Self promotion for those around the University of Washington campus: I’m giving a talk in the physics department at UW. Mondays, October 20 at 4:00 P.M. Ronald Geballe Auditorium, Rm. A102 (cookies at 3:45):

Title: “Who Will Build a Quantum Computer: the Physicists or the Computer
Engineers?”
Abstract: Building a quantum computer large enough to perform a task beyond the capability of today’s classical computers (breaking a cryptographic code or simulating a complex quantum system) is a daunting task. On the fundamental side, this difficulty arises from the fact that quantum systems like to decohere, and that we cannot control a quantum system with perfect accuracy.
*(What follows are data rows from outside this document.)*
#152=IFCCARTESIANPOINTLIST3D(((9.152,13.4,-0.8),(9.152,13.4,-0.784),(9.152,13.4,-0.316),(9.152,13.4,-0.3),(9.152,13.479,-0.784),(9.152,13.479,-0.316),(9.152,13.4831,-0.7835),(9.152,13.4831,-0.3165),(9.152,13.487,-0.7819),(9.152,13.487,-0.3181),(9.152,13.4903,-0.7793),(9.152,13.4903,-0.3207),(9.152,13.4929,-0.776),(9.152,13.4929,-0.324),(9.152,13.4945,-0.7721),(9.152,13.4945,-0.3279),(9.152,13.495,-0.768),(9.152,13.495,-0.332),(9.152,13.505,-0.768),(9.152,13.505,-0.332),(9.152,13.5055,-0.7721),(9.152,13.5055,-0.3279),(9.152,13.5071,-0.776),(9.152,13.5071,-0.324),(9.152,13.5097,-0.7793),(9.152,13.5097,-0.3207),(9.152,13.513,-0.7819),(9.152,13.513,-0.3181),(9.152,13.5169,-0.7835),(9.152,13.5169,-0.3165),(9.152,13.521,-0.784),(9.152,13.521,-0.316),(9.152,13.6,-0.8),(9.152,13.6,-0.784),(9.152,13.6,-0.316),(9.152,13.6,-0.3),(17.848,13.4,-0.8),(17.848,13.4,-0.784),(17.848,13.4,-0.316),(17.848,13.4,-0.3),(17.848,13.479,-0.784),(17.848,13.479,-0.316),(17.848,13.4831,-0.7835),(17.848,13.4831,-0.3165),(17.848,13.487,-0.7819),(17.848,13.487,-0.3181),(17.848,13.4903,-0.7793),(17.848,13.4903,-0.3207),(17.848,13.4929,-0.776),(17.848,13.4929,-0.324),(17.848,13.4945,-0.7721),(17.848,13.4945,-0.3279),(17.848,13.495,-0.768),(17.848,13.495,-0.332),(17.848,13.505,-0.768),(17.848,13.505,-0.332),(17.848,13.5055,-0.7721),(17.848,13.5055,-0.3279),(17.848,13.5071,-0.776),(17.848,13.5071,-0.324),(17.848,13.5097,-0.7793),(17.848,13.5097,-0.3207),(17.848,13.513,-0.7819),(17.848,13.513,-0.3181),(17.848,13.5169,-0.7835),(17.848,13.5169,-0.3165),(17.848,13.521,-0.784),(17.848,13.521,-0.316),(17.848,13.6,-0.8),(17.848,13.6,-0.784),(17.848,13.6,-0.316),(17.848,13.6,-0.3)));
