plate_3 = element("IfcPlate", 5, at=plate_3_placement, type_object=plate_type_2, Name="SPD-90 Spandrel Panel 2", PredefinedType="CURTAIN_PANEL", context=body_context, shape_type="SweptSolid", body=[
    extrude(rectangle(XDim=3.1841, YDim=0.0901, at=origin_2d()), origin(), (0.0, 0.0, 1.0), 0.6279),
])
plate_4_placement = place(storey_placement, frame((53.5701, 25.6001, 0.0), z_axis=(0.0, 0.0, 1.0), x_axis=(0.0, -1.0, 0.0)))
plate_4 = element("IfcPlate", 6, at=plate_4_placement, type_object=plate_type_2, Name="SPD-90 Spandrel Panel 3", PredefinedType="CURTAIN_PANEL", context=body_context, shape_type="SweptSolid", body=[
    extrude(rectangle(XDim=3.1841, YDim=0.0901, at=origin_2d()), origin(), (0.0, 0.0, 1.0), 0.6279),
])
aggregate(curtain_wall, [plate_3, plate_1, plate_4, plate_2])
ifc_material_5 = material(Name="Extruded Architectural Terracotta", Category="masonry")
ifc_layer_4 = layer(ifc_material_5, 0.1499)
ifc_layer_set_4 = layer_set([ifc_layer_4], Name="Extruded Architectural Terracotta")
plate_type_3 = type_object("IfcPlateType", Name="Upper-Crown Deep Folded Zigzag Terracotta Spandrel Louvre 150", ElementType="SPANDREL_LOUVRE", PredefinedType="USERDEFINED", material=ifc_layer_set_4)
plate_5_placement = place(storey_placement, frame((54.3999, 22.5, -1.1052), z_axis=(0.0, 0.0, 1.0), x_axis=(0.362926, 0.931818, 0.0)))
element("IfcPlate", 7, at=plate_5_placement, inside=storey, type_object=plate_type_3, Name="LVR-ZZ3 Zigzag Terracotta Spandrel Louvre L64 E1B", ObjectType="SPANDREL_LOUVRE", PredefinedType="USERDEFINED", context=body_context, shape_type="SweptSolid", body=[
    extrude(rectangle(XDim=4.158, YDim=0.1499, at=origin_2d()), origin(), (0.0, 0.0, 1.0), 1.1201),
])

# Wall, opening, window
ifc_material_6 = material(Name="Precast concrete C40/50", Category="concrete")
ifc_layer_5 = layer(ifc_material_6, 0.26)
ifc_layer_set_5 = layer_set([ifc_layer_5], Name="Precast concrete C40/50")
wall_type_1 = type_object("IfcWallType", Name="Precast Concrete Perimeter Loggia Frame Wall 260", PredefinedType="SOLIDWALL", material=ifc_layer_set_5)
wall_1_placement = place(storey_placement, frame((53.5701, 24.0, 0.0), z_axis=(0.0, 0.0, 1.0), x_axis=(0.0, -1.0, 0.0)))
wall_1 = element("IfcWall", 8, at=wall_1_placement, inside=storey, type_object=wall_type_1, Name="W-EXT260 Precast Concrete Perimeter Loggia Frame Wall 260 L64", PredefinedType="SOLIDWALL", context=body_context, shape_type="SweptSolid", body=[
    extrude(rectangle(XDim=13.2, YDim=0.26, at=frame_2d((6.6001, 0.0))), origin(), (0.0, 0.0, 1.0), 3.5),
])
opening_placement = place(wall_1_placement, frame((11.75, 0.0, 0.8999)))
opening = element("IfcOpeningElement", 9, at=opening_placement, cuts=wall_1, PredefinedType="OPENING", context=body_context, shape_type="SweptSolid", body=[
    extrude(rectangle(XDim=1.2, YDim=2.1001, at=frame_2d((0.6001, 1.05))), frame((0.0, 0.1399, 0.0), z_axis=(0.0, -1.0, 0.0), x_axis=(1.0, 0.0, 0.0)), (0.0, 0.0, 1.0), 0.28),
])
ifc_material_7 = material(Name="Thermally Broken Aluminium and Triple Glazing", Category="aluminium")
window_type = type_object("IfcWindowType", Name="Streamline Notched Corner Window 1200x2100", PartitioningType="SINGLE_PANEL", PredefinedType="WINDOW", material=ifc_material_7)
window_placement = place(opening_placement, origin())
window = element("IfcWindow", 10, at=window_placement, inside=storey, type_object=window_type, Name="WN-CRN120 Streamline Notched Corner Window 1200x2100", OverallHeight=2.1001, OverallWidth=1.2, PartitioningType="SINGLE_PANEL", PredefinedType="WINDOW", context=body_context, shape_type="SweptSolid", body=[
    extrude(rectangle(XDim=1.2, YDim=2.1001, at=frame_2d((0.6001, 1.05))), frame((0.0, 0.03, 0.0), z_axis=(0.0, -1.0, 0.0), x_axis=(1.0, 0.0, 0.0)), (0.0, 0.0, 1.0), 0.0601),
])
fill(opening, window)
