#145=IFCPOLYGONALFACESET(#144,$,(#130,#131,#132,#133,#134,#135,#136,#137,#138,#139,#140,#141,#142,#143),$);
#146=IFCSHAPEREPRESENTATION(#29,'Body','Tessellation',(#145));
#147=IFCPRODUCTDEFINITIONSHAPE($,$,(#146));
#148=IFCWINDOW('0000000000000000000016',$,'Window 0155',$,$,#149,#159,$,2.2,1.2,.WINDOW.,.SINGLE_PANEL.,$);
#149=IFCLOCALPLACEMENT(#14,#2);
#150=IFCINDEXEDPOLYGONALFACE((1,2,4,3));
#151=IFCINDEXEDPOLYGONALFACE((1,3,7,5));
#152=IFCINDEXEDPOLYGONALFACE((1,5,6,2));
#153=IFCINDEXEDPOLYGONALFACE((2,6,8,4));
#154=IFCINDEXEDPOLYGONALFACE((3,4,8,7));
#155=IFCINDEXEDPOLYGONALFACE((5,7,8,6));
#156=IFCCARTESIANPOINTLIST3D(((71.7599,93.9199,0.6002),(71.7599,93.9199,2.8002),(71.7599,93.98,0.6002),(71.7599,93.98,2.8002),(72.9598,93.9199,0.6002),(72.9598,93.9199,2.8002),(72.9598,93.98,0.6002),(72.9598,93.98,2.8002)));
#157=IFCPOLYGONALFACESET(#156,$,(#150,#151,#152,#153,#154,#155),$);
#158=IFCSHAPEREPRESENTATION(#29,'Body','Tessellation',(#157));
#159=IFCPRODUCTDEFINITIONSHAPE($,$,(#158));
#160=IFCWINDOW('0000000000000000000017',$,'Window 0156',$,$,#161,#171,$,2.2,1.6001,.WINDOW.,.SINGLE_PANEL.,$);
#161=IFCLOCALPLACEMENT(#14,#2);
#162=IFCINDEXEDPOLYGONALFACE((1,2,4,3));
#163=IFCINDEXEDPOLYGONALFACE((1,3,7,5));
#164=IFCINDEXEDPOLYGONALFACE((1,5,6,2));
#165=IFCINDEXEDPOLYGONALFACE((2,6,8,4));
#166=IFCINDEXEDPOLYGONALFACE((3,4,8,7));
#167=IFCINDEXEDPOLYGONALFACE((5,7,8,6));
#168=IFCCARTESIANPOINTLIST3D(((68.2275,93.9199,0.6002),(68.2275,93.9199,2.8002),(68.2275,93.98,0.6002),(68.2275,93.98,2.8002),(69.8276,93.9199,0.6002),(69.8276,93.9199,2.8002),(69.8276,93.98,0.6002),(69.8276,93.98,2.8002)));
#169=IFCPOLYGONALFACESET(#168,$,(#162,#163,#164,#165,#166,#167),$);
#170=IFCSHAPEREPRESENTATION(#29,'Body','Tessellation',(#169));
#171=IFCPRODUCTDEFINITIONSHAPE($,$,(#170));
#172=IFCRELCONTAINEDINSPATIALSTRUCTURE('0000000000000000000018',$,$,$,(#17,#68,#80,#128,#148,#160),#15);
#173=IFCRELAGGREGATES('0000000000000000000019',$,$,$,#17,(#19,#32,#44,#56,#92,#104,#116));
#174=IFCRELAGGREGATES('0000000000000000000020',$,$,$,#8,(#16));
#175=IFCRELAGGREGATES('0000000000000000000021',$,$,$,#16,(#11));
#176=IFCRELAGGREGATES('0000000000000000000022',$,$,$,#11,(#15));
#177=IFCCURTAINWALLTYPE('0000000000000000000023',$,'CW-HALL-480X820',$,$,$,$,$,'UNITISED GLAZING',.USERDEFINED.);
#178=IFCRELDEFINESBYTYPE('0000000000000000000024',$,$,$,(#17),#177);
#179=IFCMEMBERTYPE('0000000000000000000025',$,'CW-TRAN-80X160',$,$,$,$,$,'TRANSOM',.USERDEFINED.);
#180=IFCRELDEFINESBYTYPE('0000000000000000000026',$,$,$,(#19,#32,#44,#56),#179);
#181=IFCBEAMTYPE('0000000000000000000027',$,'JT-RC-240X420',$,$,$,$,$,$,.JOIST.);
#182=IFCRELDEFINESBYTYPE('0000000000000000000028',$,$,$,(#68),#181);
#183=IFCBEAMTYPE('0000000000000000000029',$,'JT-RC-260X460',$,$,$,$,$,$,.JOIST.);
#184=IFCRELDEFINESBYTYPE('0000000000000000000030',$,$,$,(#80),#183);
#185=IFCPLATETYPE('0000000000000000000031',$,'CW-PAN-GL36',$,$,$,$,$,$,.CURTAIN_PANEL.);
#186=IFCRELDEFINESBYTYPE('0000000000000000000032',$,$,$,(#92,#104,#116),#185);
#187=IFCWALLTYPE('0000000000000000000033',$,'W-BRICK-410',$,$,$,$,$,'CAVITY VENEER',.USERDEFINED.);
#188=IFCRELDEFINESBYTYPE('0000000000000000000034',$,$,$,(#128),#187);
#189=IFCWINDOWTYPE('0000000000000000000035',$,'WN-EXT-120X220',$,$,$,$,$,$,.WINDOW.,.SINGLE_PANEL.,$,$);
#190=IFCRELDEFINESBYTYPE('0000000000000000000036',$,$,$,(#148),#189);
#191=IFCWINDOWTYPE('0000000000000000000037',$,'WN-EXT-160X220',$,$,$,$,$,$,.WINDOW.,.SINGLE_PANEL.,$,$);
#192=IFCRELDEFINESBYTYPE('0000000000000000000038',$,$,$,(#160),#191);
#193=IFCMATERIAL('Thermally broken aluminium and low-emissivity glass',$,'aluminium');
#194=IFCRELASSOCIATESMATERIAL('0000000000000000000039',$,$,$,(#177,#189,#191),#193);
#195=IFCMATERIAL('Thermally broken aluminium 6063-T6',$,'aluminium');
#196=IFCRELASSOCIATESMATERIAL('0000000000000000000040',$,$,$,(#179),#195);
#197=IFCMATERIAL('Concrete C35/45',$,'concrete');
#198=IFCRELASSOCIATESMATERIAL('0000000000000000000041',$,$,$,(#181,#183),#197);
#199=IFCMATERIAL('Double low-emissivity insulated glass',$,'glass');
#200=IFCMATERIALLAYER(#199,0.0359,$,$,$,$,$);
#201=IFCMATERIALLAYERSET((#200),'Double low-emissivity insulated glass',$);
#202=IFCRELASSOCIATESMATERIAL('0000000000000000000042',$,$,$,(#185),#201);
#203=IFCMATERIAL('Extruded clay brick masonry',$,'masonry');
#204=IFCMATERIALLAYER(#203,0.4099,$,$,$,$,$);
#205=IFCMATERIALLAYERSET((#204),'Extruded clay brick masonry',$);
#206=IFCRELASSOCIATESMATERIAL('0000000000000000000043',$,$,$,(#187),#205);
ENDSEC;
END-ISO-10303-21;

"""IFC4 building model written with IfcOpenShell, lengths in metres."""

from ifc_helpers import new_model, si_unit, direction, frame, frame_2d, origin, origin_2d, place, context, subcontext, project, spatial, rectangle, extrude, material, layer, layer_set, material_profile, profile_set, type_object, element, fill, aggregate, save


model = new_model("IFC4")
On the technical side, the obstacles toward build a quantum computer arise from the severe engineering constraints imposed by manipulating individual quantum systems. The theoretical solution to the problems of decoherence and lack of control was worked out in the nineties and is known as the threshold theorem for fault-tolerant quantum computing. The great debate in quantum computing today is how the technical difficulties of building a quantum computer will be overcome. In this talk I will outline two very distinct camps on how this will be achieved: one centered very squarely on engineering and the other with roots in condensed matter physics. This is a battle for the soul of future quantum computers and will determine whether quantum computers are years, decades, or centuries away from being built.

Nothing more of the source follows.